It would seem to me we have a very good model to explain why and how time dilation in both its forms comes about. It is really very straightforward.  8. My argument is based on the fact that time dilation occurs no matter how short the motion(the bouncing around of atoms up and down and sideways) and the fact that the equation for momentum(pdown = md/t > pup = md/t) is self evident as long as the former is true and no one, as of yet, has falsified either. As to why time dilation occurs I don't know. We are so locked into the standard model that I seriously doubt we will ever know. If the time however comes when we understand how energy is put together to make the proton and electron maybe we will.  9. We cannot allow any new ideas because it threatens the banging of our own drum huh Markus. If you think you have shown where the idea fails at, that is very sad.  10. Originally Posted by bird11dog My argument is based on the fact that time dilation occurs no matter how short the motion(the bouncing around of atoms up and down and sideways) and the fact that the equation for momentum(pdown = md/t > pup = md/t) is self evident as long as the former is true and no one, as of yet, has falsified either.
I'm sure I addressed that earlier. Given that the box is resting on the surface, the net momentum of the gas in the box must be zero, and so not pointing in any particular direction.  11. Wow, and you obviously think you've answered the question.  12. We cannot allow any new ideas
Of course we can - that is specifically what this section "Personal Theories and Alternative Hypotheses" is here for, so I am not sure what you are trying to imply. You are free to present any idea you like here, but given that this is a mainstream forum, such ideas will be evaluated in light of current scientific understanding.

If you think you have shown where the idea fails at, that is very sad.

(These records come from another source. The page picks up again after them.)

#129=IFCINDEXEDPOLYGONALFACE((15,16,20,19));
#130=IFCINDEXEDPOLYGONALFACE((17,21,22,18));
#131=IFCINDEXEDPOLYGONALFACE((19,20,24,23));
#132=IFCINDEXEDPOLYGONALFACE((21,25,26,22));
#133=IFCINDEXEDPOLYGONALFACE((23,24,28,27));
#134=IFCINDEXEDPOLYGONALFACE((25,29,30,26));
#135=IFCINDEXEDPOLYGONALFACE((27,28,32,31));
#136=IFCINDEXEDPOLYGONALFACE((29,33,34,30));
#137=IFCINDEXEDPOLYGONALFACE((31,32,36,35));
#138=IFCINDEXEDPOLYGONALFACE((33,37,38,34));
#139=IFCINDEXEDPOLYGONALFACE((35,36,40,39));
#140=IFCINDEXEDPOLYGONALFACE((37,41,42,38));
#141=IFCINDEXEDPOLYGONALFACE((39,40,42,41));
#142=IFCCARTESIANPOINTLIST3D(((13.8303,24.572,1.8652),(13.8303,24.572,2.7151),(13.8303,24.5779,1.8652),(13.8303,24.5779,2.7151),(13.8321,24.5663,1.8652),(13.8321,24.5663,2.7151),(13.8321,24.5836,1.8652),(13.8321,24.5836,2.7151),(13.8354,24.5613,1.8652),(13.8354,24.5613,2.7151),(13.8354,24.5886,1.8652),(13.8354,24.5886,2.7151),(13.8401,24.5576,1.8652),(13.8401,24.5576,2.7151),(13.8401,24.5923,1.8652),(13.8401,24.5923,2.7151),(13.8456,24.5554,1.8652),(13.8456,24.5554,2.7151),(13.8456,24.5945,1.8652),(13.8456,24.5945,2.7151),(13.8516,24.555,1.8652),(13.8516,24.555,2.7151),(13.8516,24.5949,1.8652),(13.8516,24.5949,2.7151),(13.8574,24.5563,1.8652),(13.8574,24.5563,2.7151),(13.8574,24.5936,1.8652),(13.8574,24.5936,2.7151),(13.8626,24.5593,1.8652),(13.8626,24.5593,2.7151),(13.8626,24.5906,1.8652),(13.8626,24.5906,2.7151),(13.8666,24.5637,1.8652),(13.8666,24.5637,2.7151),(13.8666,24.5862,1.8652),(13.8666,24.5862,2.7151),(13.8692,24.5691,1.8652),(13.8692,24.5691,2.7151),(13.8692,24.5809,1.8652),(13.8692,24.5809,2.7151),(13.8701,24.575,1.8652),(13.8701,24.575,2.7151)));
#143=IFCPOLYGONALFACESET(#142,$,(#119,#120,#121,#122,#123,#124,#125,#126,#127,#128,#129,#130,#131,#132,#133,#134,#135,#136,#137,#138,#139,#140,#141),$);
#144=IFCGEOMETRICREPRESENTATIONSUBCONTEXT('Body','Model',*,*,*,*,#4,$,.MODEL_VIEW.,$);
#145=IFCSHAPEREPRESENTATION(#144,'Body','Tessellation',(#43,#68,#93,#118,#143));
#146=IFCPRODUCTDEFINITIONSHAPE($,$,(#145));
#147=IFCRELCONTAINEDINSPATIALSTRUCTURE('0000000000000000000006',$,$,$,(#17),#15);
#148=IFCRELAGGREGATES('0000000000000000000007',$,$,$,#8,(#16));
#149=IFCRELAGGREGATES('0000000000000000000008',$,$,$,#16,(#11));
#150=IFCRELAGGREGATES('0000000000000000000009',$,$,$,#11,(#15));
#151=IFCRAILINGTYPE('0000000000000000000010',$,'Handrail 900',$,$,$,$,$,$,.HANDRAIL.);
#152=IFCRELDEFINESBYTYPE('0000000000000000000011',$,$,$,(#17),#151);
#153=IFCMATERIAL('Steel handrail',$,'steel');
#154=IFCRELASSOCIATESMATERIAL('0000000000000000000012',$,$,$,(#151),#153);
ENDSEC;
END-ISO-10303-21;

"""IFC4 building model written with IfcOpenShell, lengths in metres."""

I and others have merely given you the feedback you asked for; was that not the purpose of you posting here, to obtain feedback for your idea ? I hope it was, because that is what this section is here for. I'm sorry if you don't like what we wrote, but I would suggest you take it in a constructive way and use it as an opportunity to improve your hypothesis. If on the other hand your expectation was that we all agree with any new ideas and hypotheses that are being put forward here, then I must disappoint you. You also appear to be under the impression that we are under some sort of obligation to proof you wrong - I don't understand this, since the idea is yours, so it is up to yourself to show everyone else how and why it is better than established physics, and not the other way around.  13. Originally Posted by bird11dog
I reduce the rate of the timer by 10% and start the run again. At the end of the run we ask the student which run had the greatest momentum and of course he says the second.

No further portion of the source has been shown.